Me: "Great! Before we go any further, it's best to sketch the app out on paper
first. Do that and then let's take a serious look at it!"

I've had many many conversations like this. Even requiring a simple sketch
filters out about 98% of these people.

Another common variation is from folks who want to learn programming. Instead
of asking for a sketch, I'll send them a link to an excellent beginners
tutorial to work through. I very rarely hear back from anyone after that.
However, those very few that do come back are typically great to work with.

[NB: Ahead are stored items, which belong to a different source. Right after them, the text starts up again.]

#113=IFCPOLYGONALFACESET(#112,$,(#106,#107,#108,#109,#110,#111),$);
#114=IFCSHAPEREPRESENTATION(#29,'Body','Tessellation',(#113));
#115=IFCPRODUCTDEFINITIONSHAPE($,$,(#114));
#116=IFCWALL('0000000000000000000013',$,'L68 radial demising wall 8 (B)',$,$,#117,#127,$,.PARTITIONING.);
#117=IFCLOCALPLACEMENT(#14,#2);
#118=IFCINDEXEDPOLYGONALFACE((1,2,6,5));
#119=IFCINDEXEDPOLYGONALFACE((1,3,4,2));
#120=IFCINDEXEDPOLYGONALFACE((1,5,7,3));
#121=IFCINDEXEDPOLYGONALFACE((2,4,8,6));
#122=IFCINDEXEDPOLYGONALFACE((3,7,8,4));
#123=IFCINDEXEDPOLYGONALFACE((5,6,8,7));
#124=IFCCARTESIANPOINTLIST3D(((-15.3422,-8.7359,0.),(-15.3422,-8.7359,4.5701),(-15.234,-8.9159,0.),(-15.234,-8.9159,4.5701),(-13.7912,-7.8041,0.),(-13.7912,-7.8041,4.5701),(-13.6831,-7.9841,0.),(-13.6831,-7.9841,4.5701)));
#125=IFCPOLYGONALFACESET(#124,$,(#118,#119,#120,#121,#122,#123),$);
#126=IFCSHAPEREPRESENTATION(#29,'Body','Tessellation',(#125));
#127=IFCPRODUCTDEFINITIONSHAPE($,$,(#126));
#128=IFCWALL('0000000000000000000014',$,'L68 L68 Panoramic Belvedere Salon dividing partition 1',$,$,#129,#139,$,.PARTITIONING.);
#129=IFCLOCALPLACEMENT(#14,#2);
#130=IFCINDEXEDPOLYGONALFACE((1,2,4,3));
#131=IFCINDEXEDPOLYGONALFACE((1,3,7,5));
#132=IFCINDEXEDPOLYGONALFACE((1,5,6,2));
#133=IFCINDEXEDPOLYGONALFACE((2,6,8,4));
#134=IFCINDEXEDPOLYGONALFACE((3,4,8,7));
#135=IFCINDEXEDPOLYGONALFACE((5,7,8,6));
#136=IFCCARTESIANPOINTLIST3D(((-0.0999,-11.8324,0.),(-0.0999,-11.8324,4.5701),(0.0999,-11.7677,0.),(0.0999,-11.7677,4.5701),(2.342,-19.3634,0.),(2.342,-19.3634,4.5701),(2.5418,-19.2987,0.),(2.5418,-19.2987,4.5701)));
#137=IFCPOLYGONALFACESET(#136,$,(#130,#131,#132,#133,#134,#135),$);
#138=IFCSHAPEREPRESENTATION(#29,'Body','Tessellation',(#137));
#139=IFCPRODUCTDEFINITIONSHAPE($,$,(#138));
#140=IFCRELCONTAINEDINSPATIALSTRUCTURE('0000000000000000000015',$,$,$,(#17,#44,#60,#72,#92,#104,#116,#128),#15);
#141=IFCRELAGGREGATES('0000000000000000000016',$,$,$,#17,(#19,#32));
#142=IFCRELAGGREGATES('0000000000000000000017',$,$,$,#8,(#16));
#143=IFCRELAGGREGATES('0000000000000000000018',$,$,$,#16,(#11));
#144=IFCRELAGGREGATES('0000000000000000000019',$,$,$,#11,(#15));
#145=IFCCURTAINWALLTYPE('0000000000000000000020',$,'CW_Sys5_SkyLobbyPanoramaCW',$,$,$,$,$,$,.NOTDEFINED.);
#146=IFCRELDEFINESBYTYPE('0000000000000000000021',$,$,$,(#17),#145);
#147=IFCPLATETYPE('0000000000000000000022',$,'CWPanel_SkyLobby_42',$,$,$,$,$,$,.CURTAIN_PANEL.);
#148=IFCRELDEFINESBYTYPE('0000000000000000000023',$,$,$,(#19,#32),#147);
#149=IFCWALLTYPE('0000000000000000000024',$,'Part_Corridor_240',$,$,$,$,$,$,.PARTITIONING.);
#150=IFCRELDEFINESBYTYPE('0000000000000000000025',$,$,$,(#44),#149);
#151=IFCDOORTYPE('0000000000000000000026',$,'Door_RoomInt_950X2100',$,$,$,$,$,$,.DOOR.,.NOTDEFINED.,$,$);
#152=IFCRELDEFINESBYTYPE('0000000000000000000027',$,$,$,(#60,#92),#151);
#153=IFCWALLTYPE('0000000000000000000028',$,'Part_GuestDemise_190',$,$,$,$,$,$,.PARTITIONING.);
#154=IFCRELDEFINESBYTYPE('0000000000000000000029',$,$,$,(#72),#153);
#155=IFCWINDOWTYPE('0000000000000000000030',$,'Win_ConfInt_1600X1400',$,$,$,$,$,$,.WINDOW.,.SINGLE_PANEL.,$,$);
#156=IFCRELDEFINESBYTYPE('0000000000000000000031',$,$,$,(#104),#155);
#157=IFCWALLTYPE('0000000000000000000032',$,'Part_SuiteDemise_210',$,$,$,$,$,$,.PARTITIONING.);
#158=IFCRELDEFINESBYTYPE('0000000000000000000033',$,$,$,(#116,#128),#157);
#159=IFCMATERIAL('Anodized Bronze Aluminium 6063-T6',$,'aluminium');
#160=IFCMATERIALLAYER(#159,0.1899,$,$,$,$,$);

I haven't always used these filters. I used to really try and help everyone
that asked for it. Unfortunately that nearly always ended up with me putting
in time and effort to help someone who I would later discover wasn't really
all that serious about the goal.

Small barriers/filters have been great for saving my energy for those that are
really serious about doing something. It's really been a sanity saver.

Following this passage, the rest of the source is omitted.